Any one of these descriptions could generate a positive response. Gallio includes them all, looks up from the screen of his computer, and he’s alone in the case room. Everyone else has gone home, even Claudia. He has no one to tell that the material is nearly ready.

Instead he has an unwanted flashback to his posting the last time round. He’s working too hard, making the same mistake. How can Jesus be a door? he wonders. How can Jesus be a plough? He reaches for the telephone, and his home number is there in his head and he dials it. His ex-wife Judith picks up.

‘Hello,’ she says. Gallio doesn’t know what to say to her. In the silence he might as well not have bothered. ‘Hello, hello,’ she says again, ‘is there anyone there?’

The silence stretches out. Gallio wants her to know he exists, and that he doesn’t mean any harm, but he doesn’t know where to start, not after so much time and so many errors. His silence and his unknowness ends up frightening her.

‘Whoever you are, stop it. Don’t call again.’

And then it’s too late to make himself known, and anyway, Judith hands the phone to another person in the room wherever she is. It’s Baruch.

‘Fuck off,’ he says. ‘Whoever you are. Do this again and I’ll trace the number and hunt you down and kill you. Understand?’

Cassius Gallio puts down the phone, but gently, so they might think he never put it down, and that in fact he is always there, should she want him.

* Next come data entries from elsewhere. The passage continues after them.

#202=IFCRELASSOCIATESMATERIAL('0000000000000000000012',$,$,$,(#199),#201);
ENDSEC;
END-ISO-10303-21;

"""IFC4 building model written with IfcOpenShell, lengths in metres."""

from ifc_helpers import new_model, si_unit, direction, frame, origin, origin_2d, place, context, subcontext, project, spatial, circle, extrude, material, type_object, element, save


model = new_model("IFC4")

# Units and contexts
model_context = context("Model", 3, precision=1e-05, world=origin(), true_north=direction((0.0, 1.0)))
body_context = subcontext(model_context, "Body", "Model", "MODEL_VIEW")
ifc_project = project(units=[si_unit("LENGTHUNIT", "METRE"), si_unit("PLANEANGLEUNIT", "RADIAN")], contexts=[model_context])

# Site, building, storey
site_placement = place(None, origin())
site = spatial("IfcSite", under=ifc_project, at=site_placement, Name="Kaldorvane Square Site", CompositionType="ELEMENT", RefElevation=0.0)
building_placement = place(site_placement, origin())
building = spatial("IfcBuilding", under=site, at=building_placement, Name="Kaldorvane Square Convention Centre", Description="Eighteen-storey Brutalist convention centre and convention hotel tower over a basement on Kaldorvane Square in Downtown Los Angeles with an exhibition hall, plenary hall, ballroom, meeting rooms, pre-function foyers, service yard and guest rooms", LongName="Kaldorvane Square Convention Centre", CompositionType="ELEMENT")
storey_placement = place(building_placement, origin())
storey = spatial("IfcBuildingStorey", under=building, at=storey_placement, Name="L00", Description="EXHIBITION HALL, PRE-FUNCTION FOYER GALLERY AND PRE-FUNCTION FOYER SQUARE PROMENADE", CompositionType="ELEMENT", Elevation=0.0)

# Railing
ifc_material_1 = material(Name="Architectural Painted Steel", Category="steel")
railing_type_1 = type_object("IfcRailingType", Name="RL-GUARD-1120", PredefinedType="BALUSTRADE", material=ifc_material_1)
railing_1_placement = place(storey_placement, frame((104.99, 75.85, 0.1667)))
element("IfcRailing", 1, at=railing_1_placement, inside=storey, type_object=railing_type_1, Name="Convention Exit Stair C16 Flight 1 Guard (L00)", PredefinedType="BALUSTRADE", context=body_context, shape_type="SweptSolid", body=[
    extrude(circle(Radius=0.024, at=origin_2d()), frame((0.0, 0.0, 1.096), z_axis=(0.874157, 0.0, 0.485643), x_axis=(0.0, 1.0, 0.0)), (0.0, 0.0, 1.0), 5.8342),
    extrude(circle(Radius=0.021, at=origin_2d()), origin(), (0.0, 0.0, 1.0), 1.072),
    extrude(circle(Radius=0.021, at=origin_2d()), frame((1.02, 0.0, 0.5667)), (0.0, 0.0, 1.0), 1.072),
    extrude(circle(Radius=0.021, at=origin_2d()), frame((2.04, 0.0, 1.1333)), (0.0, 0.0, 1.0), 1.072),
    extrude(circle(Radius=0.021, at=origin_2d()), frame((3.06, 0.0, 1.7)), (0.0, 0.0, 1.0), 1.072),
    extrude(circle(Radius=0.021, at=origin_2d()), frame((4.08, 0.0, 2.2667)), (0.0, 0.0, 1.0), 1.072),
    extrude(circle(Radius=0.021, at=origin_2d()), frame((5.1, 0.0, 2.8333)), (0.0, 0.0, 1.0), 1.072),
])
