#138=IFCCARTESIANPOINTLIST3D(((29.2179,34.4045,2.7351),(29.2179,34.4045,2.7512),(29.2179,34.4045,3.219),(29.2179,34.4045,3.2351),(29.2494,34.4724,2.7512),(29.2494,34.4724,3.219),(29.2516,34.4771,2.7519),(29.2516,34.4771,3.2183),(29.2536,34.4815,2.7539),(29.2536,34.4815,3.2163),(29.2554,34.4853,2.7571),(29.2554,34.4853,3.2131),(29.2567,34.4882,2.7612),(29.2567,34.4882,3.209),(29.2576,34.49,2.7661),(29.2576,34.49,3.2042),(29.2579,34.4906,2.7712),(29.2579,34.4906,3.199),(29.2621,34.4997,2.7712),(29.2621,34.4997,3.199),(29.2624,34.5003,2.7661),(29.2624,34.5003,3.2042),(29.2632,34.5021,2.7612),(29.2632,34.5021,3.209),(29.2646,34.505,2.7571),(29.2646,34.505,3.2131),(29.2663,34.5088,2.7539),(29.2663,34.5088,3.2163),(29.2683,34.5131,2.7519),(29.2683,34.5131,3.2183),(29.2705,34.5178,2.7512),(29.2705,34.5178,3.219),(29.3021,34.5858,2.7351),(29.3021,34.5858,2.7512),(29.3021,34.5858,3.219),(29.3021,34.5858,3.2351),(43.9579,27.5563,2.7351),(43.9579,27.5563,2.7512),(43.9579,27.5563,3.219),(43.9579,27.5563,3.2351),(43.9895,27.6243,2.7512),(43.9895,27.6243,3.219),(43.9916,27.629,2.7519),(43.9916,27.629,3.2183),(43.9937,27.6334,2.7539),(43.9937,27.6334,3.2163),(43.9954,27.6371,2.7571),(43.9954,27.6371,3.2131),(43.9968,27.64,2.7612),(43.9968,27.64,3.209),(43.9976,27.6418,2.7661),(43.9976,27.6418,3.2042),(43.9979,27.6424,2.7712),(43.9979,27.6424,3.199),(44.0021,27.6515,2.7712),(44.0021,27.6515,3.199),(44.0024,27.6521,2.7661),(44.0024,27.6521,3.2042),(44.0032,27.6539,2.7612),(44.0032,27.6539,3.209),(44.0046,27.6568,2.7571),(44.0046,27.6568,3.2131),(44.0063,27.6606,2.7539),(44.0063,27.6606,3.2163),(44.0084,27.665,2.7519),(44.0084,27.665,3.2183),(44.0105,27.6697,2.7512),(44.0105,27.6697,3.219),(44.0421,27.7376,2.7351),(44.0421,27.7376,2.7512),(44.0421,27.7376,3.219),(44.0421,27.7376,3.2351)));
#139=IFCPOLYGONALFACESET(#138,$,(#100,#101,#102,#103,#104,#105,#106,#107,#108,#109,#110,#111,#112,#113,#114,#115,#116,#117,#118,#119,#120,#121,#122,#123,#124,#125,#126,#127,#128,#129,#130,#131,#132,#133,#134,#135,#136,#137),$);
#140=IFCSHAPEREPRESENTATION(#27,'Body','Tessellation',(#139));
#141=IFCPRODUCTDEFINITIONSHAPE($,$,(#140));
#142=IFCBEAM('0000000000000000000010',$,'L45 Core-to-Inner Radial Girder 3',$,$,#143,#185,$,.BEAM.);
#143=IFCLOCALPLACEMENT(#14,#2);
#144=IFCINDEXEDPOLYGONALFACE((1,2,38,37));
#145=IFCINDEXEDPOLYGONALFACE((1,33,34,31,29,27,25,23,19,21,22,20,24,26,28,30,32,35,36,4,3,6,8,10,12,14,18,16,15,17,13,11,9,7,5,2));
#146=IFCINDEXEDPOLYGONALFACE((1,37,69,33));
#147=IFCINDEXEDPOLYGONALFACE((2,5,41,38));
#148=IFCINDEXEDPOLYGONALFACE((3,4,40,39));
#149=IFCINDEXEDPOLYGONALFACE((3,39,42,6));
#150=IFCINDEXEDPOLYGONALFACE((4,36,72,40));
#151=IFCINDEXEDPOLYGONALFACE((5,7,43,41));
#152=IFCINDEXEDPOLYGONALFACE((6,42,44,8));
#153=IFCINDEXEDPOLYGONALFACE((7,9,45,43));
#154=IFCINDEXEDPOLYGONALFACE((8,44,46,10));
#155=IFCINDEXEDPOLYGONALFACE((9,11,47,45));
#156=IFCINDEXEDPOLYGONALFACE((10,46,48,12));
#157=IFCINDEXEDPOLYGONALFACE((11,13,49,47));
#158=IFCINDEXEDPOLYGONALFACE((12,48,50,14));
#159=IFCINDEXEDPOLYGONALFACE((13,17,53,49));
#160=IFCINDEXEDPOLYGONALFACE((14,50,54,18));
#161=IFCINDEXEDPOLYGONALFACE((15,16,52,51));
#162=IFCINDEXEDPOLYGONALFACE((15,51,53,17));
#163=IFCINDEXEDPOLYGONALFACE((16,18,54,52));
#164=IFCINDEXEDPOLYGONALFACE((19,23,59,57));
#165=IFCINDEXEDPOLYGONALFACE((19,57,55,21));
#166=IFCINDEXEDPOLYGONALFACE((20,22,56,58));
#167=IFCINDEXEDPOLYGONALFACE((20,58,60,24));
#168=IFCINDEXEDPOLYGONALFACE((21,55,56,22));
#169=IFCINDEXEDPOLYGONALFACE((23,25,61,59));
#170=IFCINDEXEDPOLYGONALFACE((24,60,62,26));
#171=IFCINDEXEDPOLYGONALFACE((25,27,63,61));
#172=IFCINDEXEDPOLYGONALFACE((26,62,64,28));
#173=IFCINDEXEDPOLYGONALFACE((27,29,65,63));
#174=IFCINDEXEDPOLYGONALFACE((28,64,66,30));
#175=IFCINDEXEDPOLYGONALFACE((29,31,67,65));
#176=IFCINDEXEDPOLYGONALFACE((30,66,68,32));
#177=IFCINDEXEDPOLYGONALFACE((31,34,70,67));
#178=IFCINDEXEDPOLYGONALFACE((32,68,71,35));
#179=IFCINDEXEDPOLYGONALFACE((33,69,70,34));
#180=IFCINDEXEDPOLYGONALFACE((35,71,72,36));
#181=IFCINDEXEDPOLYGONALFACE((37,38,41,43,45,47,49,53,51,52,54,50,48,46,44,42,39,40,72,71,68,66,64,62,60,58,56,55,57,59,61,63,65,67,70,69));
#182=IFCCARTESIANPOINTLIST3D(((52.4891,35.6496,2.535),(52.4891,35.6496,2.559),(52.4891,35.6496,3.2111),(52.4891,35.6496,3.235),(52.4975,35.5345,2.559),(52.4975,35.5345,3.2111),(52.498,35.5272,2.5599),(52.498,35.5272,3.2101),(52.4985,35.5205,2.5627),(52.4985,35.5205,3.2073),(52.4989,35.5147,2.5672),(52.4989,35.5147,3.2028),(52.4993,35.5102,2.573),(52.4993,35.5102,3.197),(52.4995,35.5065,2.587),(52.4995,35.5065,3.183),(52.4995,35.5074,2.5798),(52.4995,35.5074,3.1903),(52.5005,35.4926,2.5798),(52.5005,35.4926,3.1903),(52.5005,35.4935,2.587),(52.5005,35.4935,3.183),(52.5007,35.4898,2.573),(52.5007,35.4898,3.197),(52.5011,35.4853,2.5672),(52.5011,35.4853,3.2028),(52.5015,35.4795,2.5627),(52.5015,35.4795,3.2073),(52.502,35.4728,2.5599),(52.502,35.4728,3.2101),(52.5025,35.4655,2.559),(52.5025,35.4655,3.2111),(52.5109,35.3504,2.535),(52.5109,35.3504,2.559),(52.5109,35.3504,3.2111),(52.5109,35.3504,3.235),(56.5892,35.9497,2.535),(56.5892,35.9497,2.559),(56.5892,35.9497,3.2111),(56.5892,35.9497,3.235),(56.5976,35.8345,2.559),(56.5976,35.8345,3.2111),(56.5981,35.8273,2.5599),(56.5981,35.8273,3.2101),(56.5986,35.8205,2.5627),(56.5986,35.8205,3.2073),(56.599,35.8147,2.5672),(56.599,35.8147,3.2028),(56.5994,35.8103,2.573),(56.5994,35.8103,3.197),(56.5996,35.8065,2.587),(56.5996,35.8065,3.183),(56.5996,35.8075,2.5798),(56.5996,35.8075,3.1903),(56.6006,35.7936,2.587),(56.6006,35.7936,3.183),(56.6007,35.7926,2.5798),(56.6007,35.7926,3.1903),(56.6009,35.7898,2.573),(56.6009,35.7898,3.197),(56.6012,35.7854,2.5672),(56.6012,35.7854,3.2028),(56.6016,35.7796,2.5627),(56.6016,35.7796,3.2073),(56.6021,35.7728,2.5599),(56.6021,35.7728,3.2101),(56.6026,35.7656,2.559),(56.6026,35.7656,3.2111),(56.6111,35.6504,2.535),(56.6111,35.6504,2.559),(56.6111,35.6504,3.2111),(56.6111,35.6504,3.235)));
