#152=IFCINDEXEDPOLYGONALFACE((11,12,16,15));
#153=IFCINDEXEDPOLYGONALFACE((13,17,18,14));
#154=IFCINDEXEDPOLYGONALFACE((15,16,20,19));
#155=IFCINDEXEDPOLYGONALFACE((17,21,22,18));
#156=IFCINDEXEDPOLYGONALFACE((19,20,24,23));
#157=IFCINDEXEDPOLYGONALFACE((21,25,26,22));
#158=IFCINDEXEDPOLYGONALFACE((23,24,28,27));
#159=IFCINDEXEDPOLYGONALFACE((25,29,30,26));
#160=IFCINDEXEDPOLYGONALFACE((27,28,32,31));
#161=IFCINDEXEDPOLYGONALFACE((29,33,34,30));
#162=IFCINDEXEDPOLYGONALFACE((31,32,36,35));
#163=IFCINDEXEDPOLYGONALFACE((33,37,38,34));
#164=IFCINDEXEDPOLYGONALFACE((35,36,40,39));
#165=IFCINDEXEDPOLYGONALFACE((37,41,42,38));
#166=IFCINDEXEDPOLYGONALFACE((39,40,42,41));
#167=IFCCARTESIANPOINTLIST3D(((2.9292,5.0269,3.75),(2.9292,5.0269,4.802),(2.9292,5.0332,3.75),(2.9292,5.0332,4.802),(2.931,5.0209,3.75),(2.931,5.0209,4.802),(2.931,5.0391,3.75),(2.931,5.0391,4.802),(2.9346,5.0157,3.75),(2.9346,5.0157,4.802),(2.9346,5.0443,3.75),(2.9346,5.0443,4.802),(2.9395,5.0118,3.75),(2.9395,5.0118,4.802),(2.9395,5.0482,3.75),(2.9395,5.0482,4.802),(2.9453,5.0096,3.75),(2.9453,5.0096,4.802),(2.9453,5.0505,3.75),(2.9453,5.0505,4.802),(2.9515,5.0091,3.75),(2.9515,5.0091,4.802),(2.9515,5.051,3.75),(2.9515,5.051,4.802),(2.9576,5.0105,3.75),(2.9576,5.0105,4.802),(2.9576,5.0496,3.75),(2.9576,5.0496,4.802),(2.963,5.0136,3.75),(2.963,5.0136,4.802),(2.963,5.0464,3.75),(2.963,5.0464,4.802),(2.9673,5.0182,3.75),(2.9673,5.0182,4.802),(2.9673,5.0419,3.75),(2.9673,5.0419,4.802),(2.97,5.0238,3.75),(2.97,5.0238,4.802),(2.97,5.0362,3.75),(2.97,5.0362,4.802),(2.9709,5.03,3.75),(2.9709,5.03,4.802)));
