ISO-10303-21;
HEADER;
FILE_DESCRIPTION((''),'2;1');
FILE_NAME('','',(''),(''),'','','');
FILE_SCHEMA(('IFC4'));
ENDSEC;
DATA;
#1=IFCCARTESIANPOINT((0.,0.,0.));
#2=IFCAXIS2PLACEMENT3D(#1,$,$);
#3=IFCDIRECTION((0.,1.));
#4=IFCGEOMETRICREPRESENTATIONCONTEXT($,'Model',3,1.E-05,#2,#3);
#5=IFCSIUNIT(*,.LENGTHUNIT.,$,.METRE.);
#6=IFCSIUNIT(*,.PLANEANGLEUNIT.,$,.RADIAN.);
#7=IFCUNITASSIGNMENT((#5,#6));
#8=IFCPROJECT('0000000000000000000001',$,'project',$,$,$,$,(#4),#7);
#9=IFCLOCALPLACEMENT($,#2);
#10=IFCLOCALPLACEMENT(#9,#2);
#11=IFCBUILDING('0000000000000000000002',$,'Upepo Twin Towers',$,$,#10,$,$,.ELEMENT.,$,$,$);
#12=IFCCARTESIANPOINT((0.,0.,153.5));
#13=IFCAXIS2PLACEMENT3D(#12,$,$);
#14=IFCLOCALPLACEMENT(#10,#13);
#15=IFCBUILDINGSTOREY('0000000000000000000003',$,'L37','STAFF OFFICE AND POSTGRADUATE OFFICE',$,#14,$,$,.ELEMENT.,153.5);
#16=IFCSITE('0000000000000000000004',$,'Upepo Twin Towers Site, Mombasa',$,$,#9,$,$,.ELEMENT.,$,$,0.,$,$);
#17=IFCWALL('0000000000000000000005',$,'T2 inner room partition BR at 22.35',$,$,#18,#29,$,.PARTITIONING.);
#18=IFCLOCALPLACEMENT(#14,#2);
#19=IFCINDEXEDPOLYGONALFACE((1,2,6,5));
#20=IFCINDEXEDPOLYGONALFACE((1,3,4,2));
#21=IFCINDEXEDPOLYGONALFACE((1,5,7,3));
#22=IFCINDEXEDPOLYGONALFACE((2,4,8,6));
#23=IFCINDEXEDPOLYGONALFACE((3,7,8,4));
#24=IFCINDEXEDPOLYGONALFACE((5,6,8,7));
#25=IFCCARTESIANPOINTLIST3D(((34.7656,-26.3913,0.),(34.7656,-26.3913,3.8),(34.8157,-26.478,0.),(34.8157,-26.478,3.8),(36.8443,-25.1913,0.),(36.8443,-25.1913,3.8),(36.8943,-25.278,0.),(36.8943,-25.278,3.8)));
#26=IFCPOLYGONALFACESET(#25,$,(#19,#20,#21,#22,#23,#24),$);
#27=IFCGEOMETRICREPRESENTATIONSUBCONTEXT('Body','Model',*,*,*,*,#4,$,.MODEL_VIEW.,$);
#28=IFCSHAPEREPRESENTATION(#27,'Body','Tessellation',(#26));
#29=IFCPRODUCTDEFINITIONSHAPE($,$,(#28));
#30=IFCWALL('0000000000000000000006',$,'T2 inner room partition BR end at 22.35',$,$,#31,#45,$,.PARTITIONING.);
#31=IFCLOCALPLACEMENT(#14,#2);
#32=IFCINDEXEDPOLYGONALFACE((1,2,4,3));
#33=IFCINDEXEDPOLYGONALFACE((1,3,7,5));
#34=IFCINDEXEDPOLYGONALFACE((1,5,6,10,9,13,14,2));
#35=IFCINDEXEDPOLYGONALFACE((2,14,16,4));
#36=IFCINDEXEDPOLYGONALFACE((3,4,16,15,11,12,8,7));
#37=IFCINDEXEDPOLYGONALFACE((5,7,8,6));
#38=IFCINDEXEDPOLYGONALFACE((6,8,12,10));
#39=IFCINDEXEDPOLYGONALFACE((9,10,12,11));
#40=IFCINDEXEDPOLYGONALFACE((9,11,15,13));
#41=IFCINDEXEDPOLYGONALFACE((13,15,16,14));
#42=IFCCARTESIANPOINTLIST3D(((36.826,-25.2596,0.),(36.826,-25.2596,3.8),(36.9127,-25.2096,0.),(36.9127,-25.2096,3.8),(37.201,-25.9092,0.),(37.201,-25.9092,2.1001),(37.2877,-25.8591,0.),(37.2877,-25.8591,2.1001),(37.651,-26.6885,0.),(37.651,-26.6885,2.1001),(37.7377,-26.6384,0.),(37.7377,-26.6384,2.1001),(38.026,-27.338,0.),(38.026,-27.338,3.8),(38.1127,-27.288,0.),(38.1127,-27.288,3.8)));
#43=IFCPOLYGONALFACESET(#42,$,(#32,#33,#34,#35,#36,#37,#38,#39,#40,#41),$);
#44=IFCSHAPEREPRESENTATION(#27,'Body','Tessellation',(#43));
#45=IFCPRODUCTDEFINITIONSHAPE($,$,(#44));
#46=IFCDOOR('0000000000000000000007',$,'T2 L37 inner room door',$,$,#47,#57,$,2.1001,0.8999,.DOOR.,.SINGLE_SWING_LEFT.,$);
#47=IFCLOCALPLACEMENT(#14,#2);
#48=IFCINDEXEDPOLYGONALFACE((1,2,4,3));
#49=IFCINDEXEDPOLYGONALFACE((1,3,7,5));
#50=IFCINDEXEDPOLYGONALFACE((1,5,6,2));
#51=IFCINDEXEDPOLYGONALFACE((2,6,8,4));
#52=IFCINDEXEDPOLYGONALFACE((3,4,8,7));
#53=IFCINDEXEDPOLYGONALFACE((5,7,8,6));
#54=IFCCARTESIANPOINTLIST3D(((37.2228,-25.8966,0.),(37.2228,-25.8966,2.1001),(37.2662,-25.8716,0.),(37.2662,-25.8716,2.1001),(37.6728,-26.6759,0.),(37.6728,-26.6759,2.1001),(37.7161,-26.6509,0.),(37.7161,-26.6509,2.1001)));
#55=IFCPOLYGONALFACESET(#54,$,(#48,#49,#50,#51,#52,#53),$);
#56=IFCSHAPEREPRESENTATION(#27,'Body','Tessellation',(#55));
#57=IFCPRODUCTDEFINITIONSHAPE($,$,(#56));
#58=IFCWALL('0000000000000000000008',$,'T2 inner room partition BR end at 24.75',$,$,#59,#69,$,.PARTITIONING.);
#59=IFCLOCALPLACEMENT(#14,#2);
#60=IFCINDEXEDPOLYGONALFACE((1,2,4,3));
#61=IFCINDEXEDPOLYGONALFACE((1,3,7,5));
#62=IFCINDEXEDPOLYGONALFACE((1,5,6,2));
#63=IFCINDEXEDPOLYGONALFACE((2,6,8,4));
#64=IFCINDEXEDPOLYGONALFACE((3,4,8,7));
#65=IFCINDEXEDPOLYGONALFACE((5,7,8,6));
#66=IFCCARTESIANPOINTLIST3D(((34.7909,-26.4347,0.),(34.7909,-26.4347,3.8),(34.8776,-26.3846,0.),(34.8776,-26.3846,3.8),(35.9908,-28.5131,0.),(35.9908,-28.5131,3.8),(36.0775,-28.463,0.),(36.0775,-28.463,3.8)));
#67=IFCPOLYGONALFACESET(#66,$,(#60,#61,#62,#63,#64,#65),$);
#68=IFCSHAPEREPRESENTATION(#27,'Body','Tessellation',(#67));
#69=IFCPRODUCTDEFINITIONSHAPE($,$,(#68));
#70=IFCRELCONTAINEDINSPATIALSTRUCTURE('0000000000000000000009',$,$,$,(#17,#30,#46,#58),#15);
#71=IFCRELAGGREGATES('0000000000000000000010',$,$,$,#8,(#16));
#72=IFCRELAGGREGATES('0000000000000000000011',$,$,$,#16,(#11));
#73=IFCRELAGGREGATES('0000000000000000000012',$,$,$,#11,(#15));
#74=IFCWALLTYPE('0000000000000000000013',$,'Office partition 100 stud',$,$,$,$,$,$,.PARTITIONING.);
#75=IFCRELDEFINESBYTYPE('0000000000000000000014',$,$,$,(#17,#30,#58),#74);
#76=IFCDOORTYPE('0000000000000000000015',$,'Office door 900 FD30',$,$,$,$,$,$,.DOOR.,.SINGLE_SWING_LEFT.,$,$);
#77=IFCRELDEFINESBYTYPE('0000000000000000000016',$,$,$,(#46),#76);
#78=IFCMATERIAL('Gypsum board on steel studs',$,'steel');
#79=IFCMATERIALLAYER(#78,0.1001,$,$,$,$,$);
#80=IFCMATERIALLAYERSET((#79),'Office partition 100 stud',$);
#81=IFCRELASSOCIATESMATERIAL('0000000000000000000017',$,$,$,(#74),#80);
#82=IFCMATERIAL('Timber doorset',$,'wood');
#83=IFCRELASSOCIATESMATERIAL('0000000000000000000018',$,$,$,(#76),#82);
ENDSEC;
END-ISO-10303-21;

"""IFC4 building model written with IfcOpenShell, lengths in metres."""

from ifc_helpers import new_model, si_unit, direction, frame, frame_2d, origin, place, context, subcontext, project, spatial, rectangle, extrude, material, layer, layer_set, type_object, element, fill, save


model = new_model("IFC4")

# Units and contexts
model_context = context("Model", 3, precision=1e-05, world=origin(), true_north=direction((0.0, 1.0)))
body_context = subcontext(model_context, "Body", "Model", "MODEL_VIEW")
ifc_project = project(units=[si_unit("LENGTHUNIT", "METRE"), si_unit("PLANEANGLEUNIT", "RADIAN")], contexts=[model_context])

# Site, building, storey
site_placement = place(None, origin())
site = spatial("IfcSite", under=ifc_project, at=site_placement, Name="Upepo Twin Towers Site, Mombasa", CompositionType="ELEMENT", RefElevation=0.0)
building_placement = place(site_placement, origin())
building = spatial("IfcBuilding", under=site, at=building_placement, Name="Upepo Twin Towers", CompositionType="ELEMENT")
storey_placement = place(building_placement, frame((0.0, 0.0, 153.5)))
storey = spatial("IfcBuildingStorey", under=building, at=storey_placement, Name="L37", Description="STAFF OFFICE AND POSTGRADUATE OFFICE", CompositionType="ELEMENT", Elevation=153.5)

# Shared definitions
ifc_material_1 = material(Name="Gypsum board on steel studs", Category="steel")
ifc_layer_1 = layer(ifc_material_1, 0.1001)
ifc_layer_set_1 = layer_set([ifc_layer_1], Name="Office partition 100 stud")
wall_type_1 = type_object("IfcWallType", Name="Office partition 100 stud", PredefinedType="PARTITIONING", material=ifc_layer_set_1)
ifc_material_2 = material(Name="Timber doorset", Category="wood")
door_type = type_object("IfcDoorType", Name="Office door 900 FD30", OperationType="SINGLE_SWING_LEFT", PredefinedType="DOOR", material=ifc_material_2)

# Wall
wall_1_placement = place(storey_placement, frame((36.8694, -25.2346, 0.0), z_axis=(0.0, 0.0, 1.0), x_axis=(-0.86605, -0.499957, 0.0)))
element("IfcWall", 1, at=wall_1_placement, inside=storey, type_object=wall_type_1, Name="T2 inner room partition BR at 22.35", PredefinedType="PARTITIONING", context=body_context, shape_type="SweptSolid", body=[
    extrude(rectangle(XDim=2.4001, YDim=0.1001, at=frame_2d((1.2002, 0.0))), origin(), (0.0, 0.0, 1.0), 3.8),
])

# Wall, opening, door
wall_2_placement = place(storey_placement, frame((38.0693, -27.313, 0.0), z_axis=(0.0, 0.0, 1.0), x_axis=(-0.500001, 0.866025, 0.0)))
wall_2 = element("IfcWall", 2, at=wall_2_placement, inside=storey, type_object=wall_type_1, Name="T2 inner room partition BR end at 22.35", PredefinedType="PARTITIONING", context=body_context, shape_type="SweptSolid", body=[
    extrude(rectangle(XDim=2.3999, YDim=0.1001, at=frame_2d((1.2, 0.0))), origin(), (0.0, 0.0, 1.0), 3.8),
])
opening_1_placement = place(wall_2_placement, frame((0.75, 0.0, 0.0)))
opening_1 = element("IfcOpeningElement", 3, at=opening_1_placement, cuts=wall_2, PredefinedType="OPENING", context=body_context, shape_type="SweptSolid", body=[
    extrude(rectangle(XDim=0.8999, YDim=2.1001, at=frame_2d((0.45, 1.05))), frame((0.0, 0.0601, 0.0), z_axis=(0.0, -1.0, 0.0), x_axis=(1.0, 0.0, 0.0)), (0.0, 0.0, 1.0), 0.1201),
])
door_1_placement = place(opening_1_placement, origin())
door_1 = element("IfcDoor", 4, at=door_1_placement, inside=storey, type_object=door_type, Name="T2 L37 inner room door", OperationType="SINGLE_SWING_LEFT", OverallHeight=2.1001, OverallWidth=0.8999, PredefinedType="DOOR", context=body_context, shape_type="SweptSolid", body=[
    extrude(rectangle(XDim=0.8999, YDim=2.1001, at=frame_2d((0.45, 1.05))), frame((0.0, 0.0249, 0.0), z_axis=(0.0, -1.0, 0.0), x_axis=(1.0, 0.0, 0.0)), (0.0, 0.0, 1.0), 0.05),
])
fill(opening_1, door_1)

# Wall
wall_3_placement = place(storey_placement, frame((36.0342, -28.488, 0.0), z_axis=(0.0, 0.0, 1.0), x_axis=(-0.500001, 0.866025, 0.0)))
element("IfcWall", 5, at=wall_3_placement, inside=storey, type_object=wall_type_1, Name="T2 inner room partition BR end at 24.75", PredefinedType="PARTITIONING", context=body_context, shape_type="SweptSolid", body=[
    extrude(rectangle(XDim=2.3999, YDim=0.1001, at=frame_2d((1.2, 0.0))), origin(), (0.0, 0.0, 1.0), 3.8),
])

save(model, "model.ifc")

He reactivates his computer screen, his list of hopeful words alongside pictures of a man either dying or dead on the cross. Jesus is the pearl. He is the grace. Gallio can’t see the connection: for him, Jesus is harsh and without compassion. The soldiers who guarded the tomb were sentenced to death, their wives and little children tormented by shame and grief. And not just the guards, Gallio thinks, what about me? I was a decent human being before Jesus.

At least he thinks he was, or could have been, but Jesus ignores the damage he causes. He comes back from the dead but his disciples still die, horribly and for no apparent reason.

Cassius Gallio concentrates on the here and now, on uploading his data. At the final screen, before going live, he once again has the choice of Missing or Wanted . He considers calling Valeria for guidance, but decides the responsibility is his. He taps Wanted . And Done . This is now a manhunt, and the live alert activates an immediate fugitive warrant across every civilised territory. The priority of a file marked Wanted brings back a reply within minutes.

They have a man answering the published description of Jesus. He is in Jerusalem.

The sighting is recent, the evening of the day before, and Gallio is still in the office and shocked by the time. It’s the morning of the next day already. He checks the Wanted response. An individual fitting the description of Jesus was issued with a verbal warning by the Jerusalem traffic police at 18.12 the previous evening. The suspect was helping an elderly lady across the road, but was reprimanded for not using a designated crossing, which is hardly surprising. Jesus is an outlaw, a potential terrorist and a suspect for at least three murders. He’s not going to wait for the man to go green.